The earliest record of man using the wind to his advantage is of the Egyptian sailors from around 3500 BC.  Since the 7th century AD, man has harnessed the wind to grind grain, pump water, and more recently to generate electricity.  But how does the energy in the wind get captured then converted to electrical energy?  The process is both straightforward and complicated.    

The energy that is contained in the wind is dependent on three factors:  the density of the air, the cross-sectional area the wind blows through, and most importantly the speed (or velocity) of the wind.  As each one of these factors increases, so does the energy stored in the wind.  The reason that the wind velocity is the most important factor is because the energy increases as a cube of the wind velocity, meaning that if the wind speed doubles then the energy increases by a factor of eight.

In order to capture this energy and convert it to electrical energy, one needs to have a device that is capable of ‘touching’ the wind.  This device, or turbine, is usually composed of three major parts:  the ‘blades’, the drivetrain, and the generator.  The blades are the part of the turbine that touches the wind and rotates about an axis.  The drivetrain connects the rotating blades to the generator, and the generator converts the mechanical energy into electrical energy.  The blades can be based on a lift principle (similar to aircraft wings) or a drag principle (similar to a boat sail).  Traditional 3-bladed propeller-type wind turbines are lift machines, for instance.  The drivetrain exists so that the mechanical energy created by the blades can be transferred to the generator.  Sometimes the drivetrain can be used to increase the speed of rotation, dependent on the generator that is used.  The generator then passes wire through an electromagnetic field, which creates current flow.  This current is then converted to a form that is usable by everyday electrical devices.

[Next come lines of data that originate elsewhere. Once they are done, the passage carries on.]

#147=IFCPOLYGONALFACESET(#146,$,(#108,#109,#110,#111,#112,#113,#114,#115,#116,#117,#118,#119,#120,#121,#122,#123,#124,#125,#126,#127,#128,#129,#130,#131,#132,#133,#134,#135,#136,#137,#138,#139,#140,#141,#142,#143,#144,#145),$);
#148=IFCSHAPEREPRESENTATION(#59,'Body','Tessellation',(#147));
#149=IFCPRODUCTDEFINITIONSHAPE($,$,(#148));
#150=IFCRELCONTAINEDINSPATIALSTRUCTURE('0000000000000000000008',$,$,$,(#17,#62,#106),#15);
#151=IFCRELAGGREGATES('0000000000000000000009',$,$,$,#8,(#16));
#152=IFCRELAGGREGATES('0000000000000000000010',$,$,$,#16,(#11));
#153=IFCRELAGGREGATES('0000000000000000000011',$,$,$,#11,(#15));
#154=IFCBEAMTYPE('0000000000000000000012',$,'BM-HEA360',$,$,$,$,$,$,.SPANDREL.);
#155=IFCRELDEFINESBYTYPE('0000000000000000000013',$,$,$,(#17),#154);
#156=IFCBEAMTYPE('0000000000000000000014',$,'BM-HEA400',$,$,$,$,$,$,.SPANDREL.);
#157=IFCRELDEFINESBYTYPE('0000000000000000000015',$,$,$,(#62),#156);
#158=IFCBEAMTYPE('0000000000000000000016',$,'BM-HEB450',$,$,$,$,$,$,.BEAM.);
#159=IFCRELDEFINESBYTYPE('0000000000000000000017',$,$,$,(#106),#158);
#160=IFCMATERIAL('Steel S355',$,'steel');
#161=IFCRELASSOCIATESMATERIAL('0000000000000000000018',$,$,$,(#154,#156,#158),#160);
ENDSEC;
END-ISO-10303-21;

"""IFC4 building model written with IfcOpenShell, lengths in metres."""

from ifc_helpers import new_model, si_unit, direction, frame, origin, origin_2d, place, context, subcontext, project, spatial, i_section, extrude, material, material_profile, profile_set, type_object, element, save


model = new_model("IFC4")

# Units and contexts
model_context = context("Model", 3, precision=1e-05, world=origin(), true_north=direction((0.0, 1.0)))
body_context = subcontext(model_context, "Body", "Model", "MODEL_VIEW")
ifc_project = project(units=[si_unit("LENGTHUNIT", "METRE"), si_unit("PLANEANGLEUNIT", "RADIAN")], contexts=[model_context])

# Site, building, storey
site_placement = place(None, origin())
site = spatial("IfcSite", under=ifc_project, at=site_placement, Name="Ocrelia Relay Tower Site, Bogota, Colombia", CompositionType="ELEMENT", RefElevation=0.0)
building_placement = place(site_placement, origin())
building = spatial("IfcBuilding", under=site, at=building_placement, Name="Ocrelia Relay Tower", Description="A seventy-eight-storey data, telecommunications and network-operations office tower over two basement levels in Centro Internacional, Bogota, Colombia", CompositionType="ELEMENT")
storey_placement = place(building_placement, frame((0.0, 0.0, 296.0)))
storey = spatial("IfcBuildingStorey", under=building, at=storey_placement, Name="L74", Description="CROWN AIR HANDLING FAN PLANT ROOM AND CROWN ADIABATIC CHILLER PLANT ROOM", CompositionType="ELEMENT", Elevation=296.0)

The design of the turbine determines how much of the energy from the wind can be extracted.  Albert Betz, a German physicist, determined that the most energy that any device can extract is 59% of the total energy contained in the wind.  He derived an equation called the Betz Law that tells how much of the energy from the wind that can be extracted.  Based on this equation, wind turbine designers can only manipulate two factors:  the efficiency of the turbine blades (called the Coefficient of Performance, or Cp) and the wind-swept area (or cross-sectional area).  The higher these values are, the more energy that can be extracted from the wind.  Of course, there will be mechanical and electrical losses due to friction and heat, and the designer should work to minimize those values.